At Hanukkah, kids play with dreidels, which are small spinning tops. Kids are often taught that before the Maccabees revolted, Jewish people weren’t legally allowed to read the Torah, so they would study the holy text while pretending to gamble with spinning dreidels. Each of the four sides of a dreidel has a Hebrew character: Nun, Gimel, Hei, or Shin. The four letters are said to stand for the Hebrew phrase Nes Gadol Hayah Sham—meaning “A great miracle happened there”—which refers to the miraculous, long-lasting oil.
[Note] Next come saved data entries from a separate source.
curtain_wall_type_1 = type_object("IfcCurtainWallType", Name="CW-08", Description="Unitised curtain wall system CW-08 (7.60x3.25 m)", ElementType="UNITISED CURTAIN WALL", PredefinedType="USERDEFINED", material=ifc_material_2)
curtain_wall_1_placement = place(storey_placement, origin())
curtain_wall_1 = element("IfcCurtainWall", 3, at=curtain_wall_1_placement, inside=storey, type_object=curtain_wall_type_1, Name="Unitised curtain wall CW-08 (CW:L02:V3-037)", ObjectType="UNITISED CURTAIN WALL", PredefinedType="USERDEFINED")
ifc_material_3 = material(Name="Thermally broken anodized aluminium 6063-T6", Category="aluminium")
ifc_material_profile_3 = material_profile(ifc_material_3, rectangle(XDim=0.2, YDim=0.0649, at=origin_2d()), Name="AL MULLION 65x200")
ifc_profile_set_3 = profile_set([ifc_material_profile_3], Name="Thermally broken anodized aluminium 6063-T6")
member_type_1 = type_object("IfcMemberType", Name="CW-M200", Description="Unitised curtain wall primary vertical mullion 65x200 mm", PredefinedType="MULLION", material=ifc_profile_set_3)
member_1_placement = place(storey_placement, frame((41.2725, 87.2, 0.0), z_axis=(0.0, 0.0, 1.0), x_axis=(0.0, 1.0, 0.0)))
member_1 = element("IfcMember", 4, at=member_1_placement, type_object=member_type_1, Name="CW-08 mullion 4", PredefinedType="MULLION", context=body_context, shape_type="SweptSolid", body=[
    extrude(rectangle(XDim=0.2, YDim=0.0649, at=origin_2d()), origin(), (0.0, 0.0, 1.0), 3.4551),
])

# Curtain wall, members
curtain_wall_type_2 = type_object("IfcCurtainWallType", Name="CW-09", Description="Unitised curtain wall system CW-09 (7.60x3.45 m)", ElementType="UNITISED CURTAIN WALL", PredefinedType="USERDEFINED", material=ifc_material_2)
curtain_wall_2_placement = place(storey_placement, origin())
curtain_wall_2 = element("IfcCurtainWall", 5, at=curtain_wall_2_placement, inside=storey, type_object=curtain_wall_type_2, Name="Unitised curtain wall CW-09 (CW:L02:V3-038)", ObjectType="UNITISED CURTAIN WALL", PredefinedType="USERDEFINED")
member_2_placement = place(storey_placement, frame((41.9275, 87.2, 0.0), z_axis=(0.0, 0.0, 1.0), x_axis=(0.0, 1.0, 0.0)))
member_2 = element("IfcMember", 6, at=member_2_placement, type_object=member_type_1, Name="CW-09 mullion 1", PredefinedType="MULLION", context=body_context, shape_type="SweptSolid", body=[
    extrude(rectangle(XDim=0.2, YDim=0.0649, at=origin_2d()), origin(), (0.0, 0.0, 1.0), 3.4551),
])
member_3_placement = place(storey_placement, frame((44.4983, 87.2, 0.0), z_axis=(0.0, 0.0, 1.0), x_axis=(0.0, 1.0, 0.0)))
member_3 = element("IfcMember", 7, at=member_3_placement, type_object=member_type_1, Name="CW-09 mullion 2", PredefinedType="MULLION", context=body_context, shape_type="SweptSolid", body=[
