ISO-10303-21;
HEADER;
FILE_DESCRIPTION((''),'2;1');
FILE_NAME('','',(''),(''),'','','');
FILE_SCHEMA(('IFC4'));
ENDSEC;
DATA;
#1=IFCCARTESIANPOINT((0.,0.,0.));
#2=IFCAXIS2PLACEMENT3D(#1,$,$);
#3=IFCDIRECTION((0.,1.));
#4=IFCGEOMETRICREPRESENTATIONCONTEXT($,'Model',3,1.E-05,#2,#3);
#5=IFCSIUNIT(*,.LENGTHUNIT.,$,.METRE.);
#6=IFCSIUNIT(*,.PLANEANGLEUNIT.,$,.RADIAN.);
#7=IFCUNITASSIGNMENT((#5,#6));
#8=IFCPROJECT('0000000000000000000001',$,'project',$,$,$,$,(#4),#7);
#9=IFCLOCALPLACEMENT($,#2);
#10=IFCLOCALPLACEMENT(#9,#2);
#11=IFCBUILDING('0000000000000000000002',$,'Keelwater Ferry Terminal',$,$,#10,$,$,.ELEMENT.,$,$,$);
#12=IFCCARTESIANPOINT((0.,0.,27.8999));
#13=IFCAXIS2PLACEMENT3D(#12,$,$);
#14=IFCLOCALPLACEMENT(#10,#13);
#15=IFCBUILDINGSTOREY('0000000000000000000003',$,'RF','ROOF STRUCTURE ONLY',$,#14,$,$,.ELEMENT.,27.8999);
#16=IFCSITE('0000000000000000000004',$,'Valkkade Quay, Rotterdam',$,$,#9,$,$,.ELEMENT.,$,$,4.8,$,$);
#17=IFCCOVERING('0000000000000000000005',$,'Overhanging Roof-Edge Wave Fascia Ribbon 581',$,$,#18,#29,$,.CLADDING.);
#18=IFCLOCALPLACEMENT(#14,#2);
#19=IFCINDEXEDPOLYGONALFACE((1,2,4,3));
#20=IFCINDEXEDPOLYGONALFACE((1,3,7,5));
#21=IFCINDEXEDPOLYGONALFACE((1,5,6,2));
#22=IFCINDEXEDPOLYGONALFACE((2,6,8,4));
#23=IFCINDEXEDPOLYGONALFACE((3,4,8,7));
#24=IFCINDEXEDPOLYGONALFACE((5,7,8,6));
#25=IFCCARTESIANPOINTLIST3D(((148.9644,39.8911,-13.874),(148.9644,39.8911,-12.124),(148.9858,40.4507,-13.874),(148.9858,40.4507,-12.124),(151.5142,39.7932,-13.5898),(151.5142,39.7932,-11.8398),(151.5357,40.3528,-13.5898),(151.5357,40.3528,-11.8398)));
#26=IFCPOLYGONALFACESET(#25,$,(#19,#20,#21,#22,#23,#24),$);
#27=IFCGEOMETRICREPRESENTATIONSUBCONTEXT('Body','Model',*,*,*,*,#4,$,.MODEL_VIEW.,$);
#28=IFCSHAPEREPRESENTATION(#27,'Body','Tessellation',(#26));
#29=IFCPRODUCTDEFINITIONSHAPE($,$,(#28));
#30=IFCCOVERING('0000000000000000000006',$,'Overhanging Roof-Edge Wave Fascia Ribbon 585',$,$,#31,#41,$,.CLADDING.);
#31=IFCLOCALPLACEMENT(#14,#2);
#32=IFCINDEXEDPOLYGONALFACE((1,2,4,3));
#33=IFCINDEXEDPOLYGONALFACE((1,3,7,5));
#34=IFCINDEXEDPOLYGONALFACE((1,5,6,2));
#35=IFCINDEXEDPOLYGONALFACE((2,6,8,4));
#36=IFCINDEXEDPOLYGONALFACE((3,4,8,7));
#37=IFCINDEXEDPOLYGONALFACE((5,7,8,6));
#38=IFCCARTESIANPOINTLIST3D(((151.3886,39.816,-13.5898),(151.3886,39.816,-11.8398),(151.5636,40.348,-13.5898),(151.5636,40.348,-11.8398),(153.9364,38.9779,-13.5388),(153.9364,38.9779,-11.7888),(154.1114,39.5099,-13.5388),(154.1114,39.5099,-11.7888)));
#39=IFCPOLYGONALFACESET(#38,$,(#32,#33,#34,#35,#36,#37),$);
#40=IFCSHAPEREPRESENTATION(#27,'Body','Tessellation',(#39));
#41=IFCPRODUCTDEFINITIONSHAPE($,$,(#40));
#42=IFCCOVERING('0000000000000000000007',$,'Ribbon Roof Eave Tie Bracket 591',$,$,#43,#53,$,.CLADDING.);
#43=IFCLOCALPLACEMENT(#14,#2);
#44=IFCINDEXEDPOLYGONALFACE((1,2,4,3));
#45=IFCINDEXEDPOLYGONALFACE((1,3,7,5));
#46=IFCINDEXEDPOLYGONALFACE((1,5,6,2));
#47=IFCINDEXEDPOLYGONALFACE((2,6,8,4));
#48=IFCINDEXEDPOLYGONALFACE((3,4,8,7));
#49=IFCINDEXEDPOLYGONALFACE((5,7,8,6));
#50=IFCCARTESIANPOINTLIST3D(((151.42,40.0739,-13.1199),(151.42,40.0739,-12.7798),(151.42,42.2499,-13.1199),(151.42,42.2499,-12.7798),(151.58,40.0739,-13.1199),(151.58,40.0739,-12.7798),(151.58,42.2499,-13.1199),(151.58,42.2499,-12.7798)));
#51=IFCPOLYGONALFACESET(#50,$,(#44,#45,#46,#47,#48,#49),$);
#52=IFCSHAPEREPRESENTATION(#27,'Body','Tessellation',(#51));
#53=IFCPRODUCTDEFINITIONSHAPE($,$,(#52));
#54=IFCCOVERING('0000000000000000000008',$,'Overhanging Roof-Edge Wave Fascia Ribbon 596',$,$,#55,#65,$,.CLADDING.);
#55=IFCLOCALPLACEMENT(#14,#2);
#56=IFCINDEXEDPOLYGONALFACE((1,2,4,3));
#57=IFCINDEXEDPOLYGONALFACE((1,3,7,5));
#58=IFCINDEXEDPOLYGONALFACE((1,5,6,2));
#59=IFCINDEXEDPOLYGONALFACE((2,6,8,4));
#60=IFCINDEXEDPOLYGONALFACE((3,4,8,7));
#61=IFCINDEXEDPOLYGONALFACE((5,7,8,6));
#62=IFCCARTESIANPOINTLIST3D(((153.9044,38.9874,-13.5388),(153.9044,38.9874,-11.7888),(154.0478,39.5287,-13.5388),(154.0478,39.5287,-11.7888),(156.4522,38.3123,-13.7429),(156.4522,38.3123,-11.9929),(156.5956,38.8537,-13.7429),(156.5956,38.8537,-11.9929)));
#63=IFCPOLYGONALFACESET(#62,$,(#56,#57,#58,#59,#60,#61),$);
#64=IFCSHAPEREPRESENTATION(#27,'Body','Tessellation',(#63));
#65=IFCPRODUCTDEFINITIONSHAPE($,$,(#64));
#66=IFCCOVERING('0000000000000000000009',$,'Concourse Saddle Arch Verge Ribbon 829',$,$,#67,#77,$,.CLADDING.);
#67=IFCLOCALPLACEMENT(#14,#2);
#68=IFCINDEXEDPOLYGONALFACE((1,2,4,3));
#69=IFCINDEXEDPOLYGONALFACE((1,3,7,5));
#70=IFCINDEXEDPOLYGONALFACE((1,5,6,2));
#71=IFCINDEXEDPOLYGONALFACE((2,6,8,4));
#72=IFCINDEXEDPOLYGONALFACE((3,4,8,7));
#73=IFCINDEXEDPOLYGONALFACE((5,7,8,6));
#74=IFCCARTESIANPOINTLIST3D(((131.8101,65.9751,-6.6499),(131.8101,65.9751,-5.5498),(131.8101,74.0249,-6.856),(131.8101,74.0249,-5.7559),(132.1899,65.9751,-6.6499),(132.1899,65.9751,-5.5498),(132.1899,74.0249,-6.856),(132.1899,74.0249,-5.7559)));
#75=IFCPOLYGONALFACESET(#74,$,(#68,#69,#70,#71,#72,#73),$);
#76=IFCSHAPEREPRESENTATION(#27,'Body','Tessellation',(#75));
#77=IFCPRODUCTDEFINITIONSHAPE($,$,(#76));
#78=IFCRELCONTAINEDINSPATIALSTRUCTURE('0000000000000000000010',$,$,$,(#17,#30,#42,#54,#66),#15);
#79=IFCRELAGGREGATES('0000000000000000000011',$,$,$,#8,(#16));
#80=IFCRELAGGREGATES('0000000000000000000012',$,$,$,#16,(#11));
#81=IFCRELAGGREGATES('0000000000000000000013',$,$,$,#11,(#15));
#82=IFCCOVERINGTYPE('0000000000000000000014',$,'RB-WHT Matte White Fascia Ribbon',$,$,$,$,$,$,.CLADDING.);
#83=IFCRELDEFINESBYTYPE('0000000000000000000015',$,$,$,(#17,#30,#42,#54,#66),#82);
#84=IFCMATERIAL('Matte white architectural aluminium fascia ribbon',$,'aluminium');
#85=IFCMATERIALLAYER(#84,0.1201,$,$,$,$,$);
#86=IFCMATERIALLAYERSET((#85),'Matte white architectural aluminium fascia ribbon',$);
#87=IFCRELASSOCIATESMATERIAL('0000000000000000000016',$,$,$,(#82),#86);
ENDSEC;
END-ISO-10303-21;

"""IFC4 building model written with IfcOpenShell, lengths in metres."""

from ifc_helpers import new_model, si_unit, direction, frame, frame_2d, origin, place, context, subcontext, project, spatial, polyline, rectangle, outline, extrude, material, layer, layer_set, type_object, element, save


model = new_model("IFC4")

# Units and contexts
model_context = context("Model", 3, precision=1e-05, world=origin(), true_north=direction((0.0, 1.0)))
body_context = subcontext(model_context, "Body", "Model", "MODEL_VIEW")
ifc_project = project(units=[si_unit("LENGTHUNIT", "METRE"), si_unit("PLANEANGLEUNIT", "RADIAN")], contexts=[model_context])

# Site, building, storey
site_placement = place(None, origin())
site = spatial("IfcSite", under=ifc_project, at=site_placement, Name="Valkkade Quay, Rotterdam", CompositionType="ELEMENT", RefElevation=4.8)
building_placement = place(site_placement, origin())
building = spatial("IfcBuilding", under=site, at=building_placement, Name="Keelwater Ferry Terminal", CompositionType="ELEMENT")
storey_placement = place(building_placement, frame((0.0, 0.0, 27.8999)))
storey = spatial("IfcBuildingStorey", under=building, at=storey_placement, Name="RF", Description="ROOF STRUCTURE ONLY", CompositionType="ELEMENT", Elevation=27.8999)

# Coverings
ifc_material_1 = material(Name="Matte white architectural aluminium fascia ribbon", Category="aluminium")
ifc_layer_1 = layer(ifc_material_1, 0.1201)
ifc_layer_set_1 = layer_set([ifc_layer_1], Name="Matte white architectural aluminium fascia ribbon")
covering_type = type_object("IfcCoveringType", Name="RB-WHT Matte White Fascia Ribbon", PredefinedType="CLADDING", material=ifc_layer_set_1)
covering_1_placement = place(storey_placement, frame((148.9751, 40.1709, -13.874), z_axis=(0.0, 0.0, 1.0), x_axis=(0.999264, -0.038367, 0.0)))
element("IfcCovering", 1, at=covering_1_placement, inside=storey, type_object=covering_type, Name="Overhanging Roof-Edge Wave Fascia Ribbon 581", PredefinedType="CLADDING", context=body_context, shape_type="SweptSolid", body=[
    extrude(outline(polyline([(0.0, 0.0), (2.5518, 0.2842), (2.5518, 2.0342), (0.0, 1.75), (0.0, 0.0)])), frame((0.0, 0.28, 0.0), z_axis=(0.0, -1.0, 0.0), x_axis=(1.0, 0.0, 0.0)), (0.0, 0.0, 1.0), 0.5601),
])
covering_2_placement = place(storey_placement, frame((151.4761, 40.082, -13.5898), z_axis=(0.0, 0.0, 1.0), x_axis=(0.949923, -0.312484, 0.0)))
element("IfcCovering", 2, at=covering_2_placement, inside=storey, type_object=covering_type, Name="Overhanging Roof-Edge Wave Fascia Ribbon 585", PredefinedType="CLADDING", context=body_context, shape_type="SweptSolid", body=[
    extrude(outline(polyline([(0.0, 0.0), (2.6821, 0.051), (2.6821, 1.801), (0.0, 1.75), (0.0, 0.0)])), frame((0.0, 0.28, 0.0), z_axis=(0.0, -1.0, 0.0), x_axis=(1.0, 0.0, 0.0)), (0.0, 0.0, 1.0), 0.5601),
])
covering_3_placement = place(storey_placement, frame((151.5, 40.074, -13.1199), z_axis=(0.0, 0.0, 1.0), x_axis=(0.0, 1.0, 0.0)))
element("IfcCovering", 3, at=covering_3_placement, inside=storey, type_object=covering_type, Name="Ribbon Roof Eave Tie Bracket 591", PredefinedType="CLADDING", context=body_context, shape_type="SweptSolid", body=[
    extrude(rectangle(XDim=2.176, YDim=0.1599, at=frame_2d((1.0879, 0.0))), origin(), (0.0, 0.0, 1.0), 0.3401),
])
covering_4_placement = place(storey_placement, frame((153.9761, 39.2581, -13.7429), z_axis=(0.0, 0.0, 1.0), x_axis=(0.966647, -0.256112, 0.0)))
element("IfcCovering", 4, at=covering_4_placement, inside=storey, type_object=covering_type, Name="Overhanging Roof-Edge Wave Fascia Ribbon 596", PredefinedType="CLADDING", context=body_context, shape_type="SweptSolid", body=[
    extrude(outline(polyline([(0.0, 0.2041), (2.6357, 0.0), (2.6357, 1.75), (0.0, 1.9541), (0.0, 0.2041)])), frame((0.0, 0.28, 0.0), z_axis=(0.0, -1.0, 0.0), x_axis=(1.0, 0.0, 0.0)), (0.0, 0.0, 1.0), 0.5601),
])
covering_5_placement = place(storey_placement, frame((132.0, 65.9751, -6.856), z_axis=(0.0, 0.0, 1.0), x_axis=(0.0, 1.0, 0.0)))
element("IfcCovering", 5, at=covering_5_placement, inside=storey, type_object=covering_type, Name="Concourse Saddle Arch Verge Ribbon 829", PredefinedType="CLADDING", context=body_context, shape_type="SweptSolid", body=[
    extrude(outline(polyline([(0.0, 0.2061), (8.0498, 0.0), (8.0498, 1.1001), (0.0, 1.3062), (0.0, 0.2061)])), frame((0.0, 0.1899, 0.0), z_axis=(0.0, -1.0, 0.0), x_axis=(1.0, 0.0, 0.0)), (0.0, 0.0, 1.0), 0.3799),
])

save(model, "model.ifc")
However, dreidels aren’t actually an ancient Jewish tradition; they don’t show up in Jewish records until the 18th century, and are likely based off a game Christian people played in German-speaking areas of Europe.
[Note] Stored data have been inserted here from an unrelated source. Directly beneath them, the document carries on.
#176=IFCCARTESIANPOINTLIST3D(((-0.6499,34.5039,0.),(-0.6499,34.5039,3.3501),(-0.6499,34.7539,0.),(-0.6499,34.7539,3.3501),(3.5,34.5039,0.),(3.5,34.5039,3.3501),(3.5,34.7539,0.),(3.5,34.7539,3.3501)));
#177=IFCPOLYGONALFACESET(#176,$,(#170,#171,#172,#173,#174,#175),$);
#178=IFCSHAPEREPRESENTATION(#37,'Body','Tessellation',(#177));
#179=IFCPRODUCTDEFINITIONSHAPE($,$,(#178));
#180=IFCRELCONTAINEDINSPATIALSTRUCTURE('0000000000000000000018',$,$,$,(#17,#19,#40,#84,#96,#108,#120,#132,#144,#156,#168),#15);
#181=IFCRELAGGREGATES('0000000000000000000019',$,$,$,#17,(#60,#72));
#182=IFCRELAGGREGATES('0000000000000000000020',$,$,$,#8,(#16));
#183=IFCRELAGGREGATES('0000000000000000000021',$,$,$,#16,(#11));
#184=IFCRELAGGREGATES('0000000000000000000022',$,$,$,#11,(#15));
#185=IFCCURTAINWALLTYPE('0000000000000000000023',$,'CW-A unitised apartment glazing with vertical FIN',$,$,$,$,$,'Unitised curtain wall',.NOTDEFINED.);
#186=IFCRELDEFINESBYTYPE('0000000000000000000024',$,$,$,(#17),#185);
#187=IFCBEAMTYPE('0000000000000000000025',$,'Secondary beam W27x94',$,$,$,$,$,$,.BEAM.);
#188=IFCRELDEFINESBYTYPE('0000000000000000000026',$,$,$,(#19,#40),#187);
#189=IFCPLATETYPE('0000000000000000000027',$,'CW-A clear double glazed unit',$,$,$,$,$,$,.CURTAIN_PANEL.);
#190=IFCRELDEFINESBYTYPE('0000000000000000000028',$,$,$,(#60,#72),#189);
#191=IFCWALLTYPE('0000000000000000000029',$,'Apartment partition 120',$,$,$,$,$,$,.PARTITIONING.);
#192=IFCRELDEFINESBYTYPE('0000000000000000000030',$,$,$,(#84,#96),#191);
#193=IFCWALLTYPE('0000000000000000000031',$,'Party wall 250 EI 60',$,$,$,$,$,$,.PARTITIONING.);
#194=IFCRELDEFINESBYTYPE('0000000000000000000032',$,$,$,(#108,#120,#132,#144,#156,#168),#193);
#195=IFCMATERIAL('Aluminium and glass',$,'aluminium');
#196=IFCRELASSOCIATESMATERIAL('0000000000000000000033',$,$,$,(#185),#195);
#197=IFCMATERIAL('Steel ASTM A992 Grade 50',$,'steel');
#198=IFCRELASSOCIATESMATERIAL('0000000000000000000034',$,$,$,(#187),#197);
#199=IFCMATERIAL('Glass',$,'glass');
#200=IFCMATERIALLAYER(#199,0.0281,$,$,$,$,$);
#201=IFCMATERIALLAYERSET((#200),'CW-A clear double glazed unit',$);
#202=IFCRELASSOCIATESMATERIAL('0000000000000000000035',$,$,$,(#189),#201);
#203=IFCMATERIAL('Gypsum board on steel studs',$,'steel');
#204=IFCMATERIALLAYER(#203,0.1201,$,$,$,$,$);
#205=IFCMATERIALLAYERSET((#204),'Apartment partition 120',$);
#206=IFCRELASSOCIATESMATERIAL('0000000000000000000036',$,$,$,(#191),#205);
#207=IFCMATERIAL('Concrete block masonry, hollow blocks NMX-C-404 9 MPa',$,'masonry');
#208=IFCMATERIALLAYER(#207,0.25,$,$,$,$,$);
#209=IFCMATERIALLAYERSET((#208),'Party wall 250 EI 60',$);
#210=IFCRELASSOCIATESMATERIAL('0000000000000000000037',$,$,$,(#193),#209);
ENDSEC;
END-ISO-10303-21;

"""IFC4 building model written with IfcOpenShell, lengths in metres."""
6. The dates of Hanukkah change each year.

Because the holiday is based on the Hebrew calendar, there’s no set Gregorian date range for Hanukkah. While it always starts on the 25th day of the Hebrew month Kislev, that date can correspond to anywhere from late November to late December. In 2023, Hanukkah begins on the evening of December 7 and continues to December 15.

7. Sometimes Hanukkah coincides with Thanksgiving.
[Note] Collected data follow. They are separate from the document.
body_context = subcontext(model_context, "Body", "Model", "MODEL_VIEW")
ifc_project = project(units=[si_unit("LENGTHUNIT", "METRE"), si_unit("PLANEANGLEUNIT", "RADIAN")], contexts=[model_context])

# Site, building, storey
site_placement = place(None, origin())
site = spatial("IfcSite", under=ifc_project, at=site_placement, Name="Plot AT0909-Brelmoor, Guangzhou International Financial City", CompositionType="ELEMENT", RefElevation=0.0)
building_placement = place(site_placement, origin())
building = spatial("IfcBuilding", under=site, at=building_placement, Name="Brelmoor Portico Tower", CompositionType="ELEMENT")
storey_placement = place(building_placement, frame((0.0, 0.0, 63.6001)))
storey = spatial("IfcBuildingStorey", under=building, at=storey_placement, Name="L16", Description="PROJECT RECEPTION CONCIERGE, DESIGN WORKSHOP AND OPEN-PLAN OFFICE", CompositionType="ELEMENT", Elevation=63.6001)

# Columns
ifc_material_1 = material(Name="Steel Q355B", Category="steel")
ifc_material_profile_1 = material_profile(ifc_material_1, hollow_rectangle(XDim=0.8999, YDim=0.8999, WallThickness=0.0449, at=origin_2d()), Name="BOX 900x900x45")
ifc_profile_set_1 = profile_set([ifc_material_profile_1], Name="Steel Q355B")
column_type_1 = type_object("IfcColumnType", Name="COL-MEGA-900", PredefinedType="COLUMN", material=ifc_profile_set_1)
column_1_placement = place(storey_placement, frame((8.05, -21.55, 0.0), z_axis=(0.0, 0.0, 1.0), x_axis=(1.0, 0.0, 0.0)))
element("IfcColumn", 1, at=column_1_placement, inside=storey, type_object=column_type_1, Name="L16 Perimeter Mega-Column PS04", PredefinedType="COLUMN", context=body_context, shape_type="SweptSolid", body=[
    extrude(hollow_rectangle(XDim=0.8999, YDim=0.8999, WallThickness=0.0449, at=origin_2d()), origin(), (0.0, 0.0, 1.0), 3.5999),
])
In 2013, Hanukkah overlapped with Thanksgiving, giving rise to countless Thanksgivukkah memes and jokes about cranberry-filled sufganiyot and sweet potato latkes. Sadly, the next Thanksgivukkah won’t occur until 2070, when the first night of Hanukkah will coincide with a particularly late Thanksgiving dinner.

8. Some Jewish people give money rather than gifts on Hanukkah.

piles of chocolate gelt for Hanukkah
Chocolate gelt. / Douglas Sacha/Moment/Getty Images

Traditionally, Jewish people celebrated Hanukkah by giving their kids and relatives gelt (money) rather than wrapped gifts. But because holiday gift-giving plays a big role for both Christians and secular people, many Jewish people now give and receive Hanukkah presents instead of money. To acknowledge tradition, though, most people give children gelt in the form of chocolate coins wrapped in gold or silver foil.

9. You’ll need to light 44 candles on Hanukkah.

Hanukkah menorahs—which some Jewish people prefer to call a chanukiah, to differentiate it from the true menorah at the Temple—have nine branches, eight for each night plus a helper candle called a shamash that lights the others. Jewish people light the candles in the menorah from left to right, lighting a new candle, candles for the previous days, and the helper candle each night. You’ll need to use a whopping 44 candles to celebrate Hanukkah since you light two candles the first night, three the second night, four the third night, and so on.

10. Hanukkah songs aren’t really a thing—at least for adults.

Christmas songs start playing on the radio long before Thanksgiving, but although you might know a few Hanukkah songs, music isn’t a huge part of the Jewish holiday. Well-known songs such as “I Have a Little Dreidel” and “Hanukkah, Oh Hanukkah” are mainly for children, and songs like Adam Sandler’s “The Chanukah Song” are mostly for laughs.

11. You can buy scented candles for your Hanukkah menorah.

A big part of Hanukkah is lighting candles, but some Jewish people opt for a less conventional approach. Besides buying candles in different colors and non-toxic varieties, there are also scented candles available for Hanukkah menorahs. If you want to make your home smell like vanilla, raspberry, or even sufganiyot, there’s a scented candle for you.

A version of this story originally ran in 2016; it has been updated for 2023.